In the (NN) case, we cannot guarantee condition (19) so that there could have in principle two intersections when \(T_C=0\), a situation leading to \(F_R(z)-F_L(z)>0\) (and not bounded) for z sufficiently big. Anyway, we do not have to consider all possibles values of \(z>0\), since the stable limit cycle (and any other possible periodic orbit) must be surrounded by the orbit with initial condition \((v, Q_L^+)\), see Fig. 2 (right).

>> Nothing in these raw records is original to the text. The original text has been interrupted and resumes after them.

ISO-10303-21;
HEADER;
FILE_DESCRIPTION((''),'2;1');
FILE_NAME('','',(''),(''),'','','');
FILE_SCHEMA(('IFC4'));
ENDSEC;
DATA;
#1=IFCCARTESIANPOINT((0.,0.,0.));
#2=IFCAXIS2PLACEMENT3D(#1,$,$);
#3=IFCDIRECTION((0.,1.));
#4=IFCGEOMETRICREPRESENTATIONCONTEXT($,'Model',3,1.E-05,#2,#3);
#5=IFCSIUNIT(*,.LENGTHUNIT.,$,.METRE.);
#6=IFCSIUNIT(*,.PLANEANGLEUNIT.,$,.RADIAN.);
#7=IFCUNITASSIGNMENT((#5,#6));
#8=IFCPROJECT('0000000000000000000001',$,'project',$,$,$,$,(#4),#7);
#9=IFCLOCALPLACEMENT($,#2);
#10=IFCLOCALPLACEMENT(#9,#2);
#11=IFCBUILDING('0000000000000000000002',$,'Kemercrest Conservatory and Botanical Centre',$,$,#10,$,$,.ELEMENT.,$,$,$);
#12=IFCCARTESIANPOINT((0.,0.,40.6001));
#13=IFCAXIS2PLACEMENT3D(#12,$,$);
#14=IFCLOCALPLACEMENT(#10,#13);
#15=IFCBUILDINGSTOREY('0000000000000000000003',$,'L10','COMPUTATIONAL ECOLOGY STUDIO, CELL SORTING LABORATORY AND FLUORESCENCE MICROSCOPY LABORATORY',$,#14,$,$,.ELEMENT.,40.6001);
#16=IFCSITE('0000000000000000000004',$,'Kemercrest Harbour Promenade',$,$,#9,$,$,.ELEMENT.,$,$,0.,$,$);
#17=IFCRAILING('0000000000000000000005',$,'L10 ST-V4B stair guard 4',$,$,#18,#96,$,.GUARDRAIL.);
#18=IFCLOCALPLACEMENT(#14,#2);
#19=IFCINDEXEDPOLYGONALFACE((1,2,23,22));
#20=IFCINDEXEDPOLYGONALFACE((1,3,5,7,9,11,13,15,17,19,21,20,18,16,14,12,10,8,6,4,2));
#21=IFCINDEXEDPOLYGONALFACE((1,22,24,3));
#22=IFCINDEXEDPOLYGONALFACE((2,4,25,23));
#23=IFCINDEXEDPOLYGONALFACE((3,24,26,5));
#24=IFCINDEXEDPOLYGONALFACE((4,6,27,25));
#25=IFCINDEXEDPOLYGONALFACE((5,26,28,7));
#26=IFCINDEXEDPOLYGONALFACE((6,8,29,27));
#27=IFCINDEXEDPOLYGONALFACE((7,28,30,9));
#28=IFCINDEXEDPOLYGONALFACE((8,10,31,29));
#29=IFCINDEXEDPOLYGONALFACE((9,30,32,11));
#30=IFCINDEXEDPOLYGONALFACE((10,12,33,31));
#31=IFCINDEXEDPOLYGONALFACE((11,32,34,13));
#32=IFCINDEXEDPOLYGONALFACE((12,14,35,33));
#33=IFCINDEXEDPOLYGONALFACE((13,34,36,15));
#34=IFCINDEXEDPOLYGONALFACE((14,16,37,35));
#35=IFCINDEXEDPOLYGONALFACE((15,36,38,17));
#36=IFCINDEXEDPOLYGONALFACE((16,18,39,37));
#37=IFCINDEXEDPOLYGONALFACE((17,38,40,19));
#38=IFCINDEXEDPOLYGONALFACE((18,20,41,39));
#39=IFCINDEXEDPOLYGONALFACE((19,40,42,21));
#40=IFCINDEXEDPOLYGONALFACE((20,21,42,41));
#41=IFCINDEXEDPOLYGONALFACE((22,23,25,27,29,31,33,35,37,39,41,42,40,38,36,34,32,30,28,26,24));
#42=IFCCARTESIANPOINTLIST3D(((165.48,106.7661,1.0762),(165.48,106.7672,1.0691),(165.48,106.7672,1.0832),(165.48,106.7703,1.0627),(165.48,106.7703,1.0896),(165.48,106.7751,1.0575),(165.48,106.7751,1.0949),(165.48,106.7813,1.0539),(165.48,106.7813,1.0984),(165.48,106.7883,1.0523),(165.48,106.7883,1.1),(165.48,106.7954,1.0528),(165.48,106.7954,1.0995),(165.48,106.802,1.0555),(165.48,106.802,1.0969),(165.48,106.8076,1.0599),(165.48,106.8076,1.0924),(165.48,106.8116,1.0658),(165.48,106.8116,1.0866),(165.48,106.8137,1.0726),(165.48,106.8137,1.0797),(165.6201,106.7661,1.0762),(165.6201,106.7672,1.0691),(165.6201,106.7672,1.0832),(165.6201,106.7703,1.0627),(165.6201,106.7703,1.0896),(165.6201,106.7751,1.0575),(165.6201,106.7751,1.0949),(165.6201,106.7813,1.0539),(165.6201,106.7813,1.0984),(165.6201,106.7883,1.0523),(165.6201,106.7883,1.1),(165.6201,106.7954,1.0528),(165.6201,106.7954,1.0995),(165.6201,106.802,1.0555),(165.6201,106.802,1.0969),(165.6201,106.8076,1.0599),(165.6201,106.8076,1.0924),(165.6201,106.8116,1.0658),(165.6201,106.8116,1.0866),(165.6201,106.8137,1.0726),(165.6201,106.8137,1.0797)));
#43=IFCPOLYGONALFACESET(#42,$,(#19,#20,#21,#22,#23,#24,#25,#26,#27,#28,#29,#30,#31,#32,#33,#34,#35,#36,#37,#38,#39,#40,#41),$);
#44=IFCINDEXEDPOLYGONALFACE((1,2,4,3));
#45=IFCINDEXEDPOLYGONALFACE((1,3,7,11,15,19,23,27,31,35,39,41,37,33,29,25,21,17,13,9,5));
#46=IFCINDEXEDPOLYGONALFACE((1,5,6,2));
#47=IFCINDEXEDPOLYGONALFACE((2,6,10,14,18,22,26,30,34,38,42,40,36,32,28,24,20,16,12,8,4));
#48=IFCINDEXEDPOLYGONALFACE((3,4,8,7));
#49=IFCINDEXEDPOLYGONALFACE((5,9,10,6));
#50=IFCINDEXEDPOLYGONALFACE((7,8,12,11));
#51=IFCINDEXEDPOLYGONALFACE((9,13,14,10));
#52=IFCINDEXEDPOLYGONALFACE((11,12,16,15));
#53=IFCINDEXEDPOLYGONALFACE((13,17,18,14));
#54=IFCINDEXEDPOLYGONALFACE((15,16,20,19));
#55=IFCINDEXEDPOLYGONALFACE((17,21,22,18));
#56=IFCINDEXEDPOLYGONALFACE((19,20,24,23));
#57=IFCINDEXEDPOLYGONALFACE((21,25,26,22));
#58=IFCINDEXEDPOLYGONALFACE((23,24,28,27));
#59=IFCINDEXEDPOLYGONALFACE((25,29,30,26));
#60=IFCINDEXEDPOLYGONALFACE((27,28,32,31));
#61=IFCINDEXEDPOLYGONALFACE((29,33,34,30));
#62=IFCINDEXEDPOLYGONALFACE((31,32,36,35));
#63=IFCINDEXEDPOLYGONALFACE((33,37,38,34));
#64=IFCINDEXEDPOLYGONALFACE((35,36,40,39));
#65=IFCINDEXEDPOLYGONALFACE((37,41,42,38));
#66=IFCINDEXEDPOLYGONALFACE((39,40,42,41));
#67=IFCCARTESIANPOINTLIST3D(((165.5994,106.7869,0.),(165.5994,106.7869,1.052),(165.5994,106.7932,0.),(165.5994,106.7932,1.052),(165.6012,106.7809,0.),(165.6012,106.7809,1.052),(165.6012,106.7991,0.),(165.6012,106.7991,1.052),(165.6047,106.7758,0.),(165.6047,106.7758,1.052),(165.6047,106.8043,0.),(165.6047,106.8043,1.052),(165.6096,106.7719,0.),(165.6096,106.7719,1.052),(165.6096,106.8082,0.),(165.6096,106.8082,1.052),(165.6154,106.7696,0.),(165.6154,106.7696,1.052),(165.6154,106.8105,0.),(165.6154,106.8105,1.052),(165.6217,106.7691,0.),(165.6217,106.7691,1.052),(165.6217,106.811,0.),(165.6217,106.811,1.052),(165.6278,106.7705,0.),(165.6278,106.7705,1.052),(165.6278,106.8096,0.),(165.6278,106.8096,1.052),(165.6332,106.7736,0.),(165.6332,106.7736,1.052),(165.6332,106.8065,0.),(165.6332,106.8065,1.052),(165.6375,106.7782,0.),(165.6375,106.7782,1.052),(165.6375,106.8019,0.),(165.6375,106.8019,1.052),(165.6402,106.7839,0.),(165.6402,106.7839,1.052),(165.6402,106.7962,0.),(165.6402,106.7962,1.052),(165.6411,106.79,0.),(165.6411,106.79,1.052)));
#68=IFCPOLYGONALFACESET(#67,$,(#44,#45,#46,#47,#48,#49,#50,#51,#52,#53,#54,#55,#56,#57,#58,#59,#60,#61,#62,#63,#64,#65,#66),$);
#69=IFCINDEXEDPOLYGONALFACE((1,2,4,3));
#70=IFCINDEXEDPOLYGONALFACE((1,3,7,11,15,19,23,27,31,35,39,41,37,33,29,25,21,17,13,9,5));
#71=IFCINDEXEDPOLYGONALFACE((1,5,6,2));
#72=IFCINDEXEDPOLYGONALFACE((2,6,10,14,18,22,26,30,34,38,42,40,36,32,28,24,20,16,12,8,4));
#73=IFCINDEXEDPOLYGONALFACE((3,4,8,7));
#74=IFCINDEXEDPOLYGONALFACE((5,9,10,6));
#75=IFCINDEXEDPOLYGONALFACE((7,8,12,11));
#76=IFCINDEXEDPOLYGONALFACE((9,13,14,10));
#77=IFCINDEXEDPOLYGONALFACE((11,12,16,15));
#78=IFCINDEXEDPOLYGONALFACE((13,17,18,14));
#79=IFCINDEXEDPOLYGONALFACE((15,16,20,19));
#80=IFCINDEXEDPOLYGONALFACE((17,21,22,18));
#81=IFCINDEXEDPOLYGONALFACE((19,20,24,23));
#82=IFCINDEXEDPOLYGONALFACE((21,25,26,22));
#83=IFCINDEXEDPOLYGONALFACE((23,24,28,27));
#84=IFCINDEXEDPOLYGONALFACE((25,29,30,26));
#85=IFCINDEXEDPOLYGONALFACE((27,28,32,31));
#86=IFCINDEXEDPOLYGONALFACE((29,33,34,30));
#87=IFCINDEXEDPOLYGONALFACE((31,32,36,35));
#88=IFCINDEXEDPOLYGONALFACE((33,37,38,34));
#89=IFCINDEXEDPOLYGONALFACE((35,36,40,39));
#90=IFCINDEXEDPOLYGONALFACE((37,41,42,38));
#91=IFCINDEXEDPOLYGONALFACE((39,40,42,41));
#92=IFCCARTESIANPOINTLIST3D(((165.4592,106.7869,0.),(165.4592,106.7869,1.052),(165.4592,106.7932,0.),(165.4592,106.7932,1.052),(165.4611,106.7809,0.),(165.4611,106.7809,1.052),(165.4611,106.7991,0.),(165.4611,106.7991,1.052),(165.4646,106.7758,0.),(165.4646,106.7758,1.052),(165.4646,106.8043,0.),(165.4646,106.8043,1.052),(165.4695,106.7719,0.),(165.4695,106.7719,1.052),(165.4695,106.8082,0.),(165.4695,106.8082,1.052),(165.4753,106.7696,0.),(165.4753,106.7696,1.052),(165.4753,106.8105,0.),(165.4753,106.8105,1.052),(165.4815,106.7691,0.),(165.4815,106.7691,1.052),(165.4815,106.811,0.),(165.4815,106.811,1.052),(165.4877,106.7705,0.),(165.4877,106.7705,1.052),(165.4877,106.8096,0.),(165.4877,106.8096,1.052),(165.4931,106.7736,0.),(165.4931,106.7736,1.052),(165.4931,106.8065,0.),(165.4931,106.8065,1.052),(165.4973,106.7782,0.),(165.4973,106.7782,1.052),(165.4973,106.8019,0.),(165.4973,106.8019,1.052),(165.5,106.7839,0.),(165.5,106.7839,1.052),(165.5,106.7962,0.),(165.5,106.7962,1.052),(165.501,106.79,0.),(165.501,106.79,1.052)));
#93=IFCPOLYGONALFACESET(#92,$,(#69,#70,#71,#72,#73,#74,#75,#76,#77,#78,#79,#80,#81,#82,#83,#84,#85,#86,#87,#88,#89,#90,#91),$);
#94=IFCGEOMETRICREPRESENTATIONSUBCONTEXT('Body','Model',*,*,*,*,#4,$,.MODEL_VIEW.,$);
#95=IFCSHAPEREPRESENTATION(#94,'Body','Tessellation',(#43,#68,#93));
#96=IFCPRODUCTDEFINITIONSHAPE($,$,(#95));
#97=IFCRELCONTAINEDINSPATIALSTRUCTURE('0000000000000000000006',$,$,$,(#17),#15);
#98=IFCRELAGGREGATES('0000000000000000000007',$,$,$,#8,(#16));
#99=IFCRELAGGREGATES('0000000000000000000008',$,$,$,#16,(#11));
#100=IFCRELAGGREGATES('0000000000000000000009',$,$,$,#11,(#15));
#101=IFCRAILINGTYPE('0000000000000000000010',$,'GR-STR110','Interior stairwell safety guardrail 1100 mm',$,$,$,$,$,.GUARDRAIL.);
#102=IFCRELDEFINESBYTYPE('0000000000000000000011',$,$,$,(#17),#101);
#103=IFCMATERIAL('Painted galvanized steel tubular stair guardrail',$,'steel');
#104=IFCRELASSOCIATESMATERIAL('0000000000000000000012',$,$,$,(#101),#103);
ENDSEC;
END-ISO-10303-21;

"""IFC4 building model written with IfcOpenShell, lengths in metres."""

from ifc_helpers import new_model, si_unit, direction, frame, origin, origin_2d, place, context, subcontext, project, spatial, circle, extrude, material, type_object, element, save


model = new_model("IFC4")

# Units and contexts
model_context = context("Model", 3, precision=1e-05, world=origin(), true_north=direction((0.0, 1.0)))
body_context = subcontext(model_context, "Body", "Model", "MODEL_VIEW")
ifc_project = project(units=[si_unit("LENGTHUNIT", "METRE"), si_unit("PLANEANGLEUNIT", "RADIAN")], contexts=[model_context])

# Site, building, storey
site_placement = place(None, origin())
site = spatial("IfcSite", under=ifc_project, at=site_placement, Name="Kemercrest Harbour Promenade", CompositionType="ELEMENT", RefElevation=0.0)
building_placement = place(site_placement, origin())
building = spatial("IfcBuilding", under=site, at=building_placement, Name="Kemercrest Conservatory and Botanical Centre", CompositionType="ELEMENT")
storey_placement = place(building_placement, frame((0.0, 0.0, 40.6001)))
storey = spatial("IfcBuildingStorey", under=building, at=storey_placement, Name="L10", Description="COMPUTATIONAL ECOLOGY STUDIO, CELL SORTING LABORATORY AND FLUORESCENCE MICROSCOPY LABORATORY", CompositionType="ELEMENT", Elevation=40.6001)

# Railing
ifc_material_1 = material(Name="Painted galvanized steel tubular stair guardrail", Category="steel")
railing_type_1 = type_object("IfcRailingType", Name="GR-STR110", Description="Interior stairwell safety guardrail 1100 mm", PredefinedType="GUARDRAIL", material=ifc_material_1)
railing_1_placement = place(storey_placement, frame((165.6201, 106.79, 0.0)))
element("IfcRailing", 1, at=railing_1_placement, inside=storey, type_object=railing_type_1, Name="L10 ST-V4B stair guard 4", PredefinedType="GUARDRAIL", context=body_context, shape_type="SweptSolid", body=[
    extrude(circle(Radius=0.0239, at=origin_2d()), frame((0.0, 0.0, 1.0762), z_axis=(-1.0, 0.0, 0.0), x_axis=(0.0, -1.0, 0.0)), (0.0, 0.0, 1.0), 0.1401),
    extrude(circle(Radius=0.021, at=origin_2d()), origin(), (0.0, 0.0, 1.0), 1.052),
    extrude(circle(Radius=0.021, at=origin_2d()), frame((-0.1401, 0.0, 0.0)), (0.0, 0.0, 1.0), 1.052),
])

save(model, "model.ifc")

Such an orbit defines a maximal value of \(x_M\), so that the corresponding value \(z_M\) with \(x_R(z_M)=x_M\) bounds the interval where we must look for intersections of the graphs. Note that this bound is valid for all \(T_C>0\) thanks to a property of rotated vector fields, which implies in our case that the stable limit cycle shrinks when \((-T_C)\) increases. Thus, if we now define the positive quantity \(H=\max _{0\le z \le z_M} \left[ F_R(z)-F_L(z)\right] >0,\) we can follow the same reasoning as before to conclude that for \((-T_C)\) big enough there are no intersections for \(z<z_M\) and therefore no periodic orbits in the (NN) case.

Fig. 6

The graphs of the functions \(F_L(z)\) (solid line) and \(F_R(z)\) (dashed line) for \(T_C=0\) (left), for \(T_C<0\) and small in absolute value (center) and for \((-T_C)(u+v)>H\) (right) in the case (FF) of Table 1

To show the cases where saddles zones are involved, we can follow a similar reasoning. The only difference is that at least one of the graphs is finite. Before ending the work, we write a couple of remarks.

Remark 14

For all the cases of Theorem 4, we can obtain a condition on \(T_C<0\) that implies no intersections for the graphs of \(F_R(z)\) and \(F_R(z)\) when \(0<2z<u^2\). More precisely, the condition \(T_C+\dfrac{T_R}{\sqrt{R}} <0\) assures that there is no limit cycle totally contained in the half plane \(x\ge -u\). So, the unstable limit cycle that bifurcates at \(T_C=0\), if it still exists, lives in the three zones.

Remark 15

As mentioned before, Theorem 4 does not includes the (FN) case. The reasons that make this case different can now be clarified. Under the corresponding hypotheses \(0<v<u\), \(T_{R}>0\), \(T_C=0\), \(T_{L}<0\), \(L,R>0\), \(|T_L|<2/\sqrt{L}\) and \(T_R>2/\sqrt{R}\), condition (19) is violated, since \(\dfrac{T_L}{\sqrt{L}}+\dfrac{T_R}{\sqrt{R}} >-2+2=0.\) This together with (20) implies that \(F_R(z)>F_L(z)\) not only for all z with \(v^2<2z\le u^2\) (where \(F_L(z)=0\)) but also for z sufficiently big (and possibly for all z with \(2z>v^2\)). In this case, if we allow \(T_C<0\), then we have always at least one intersection for the graphs of \(F_R(z)\) and \(F_L(z)\). In fact, by integrating backward in time the upper invariant manifold of the virtual node, it can be easily shown the existence of one unstable limit cycle for all values of \(T_C<0\).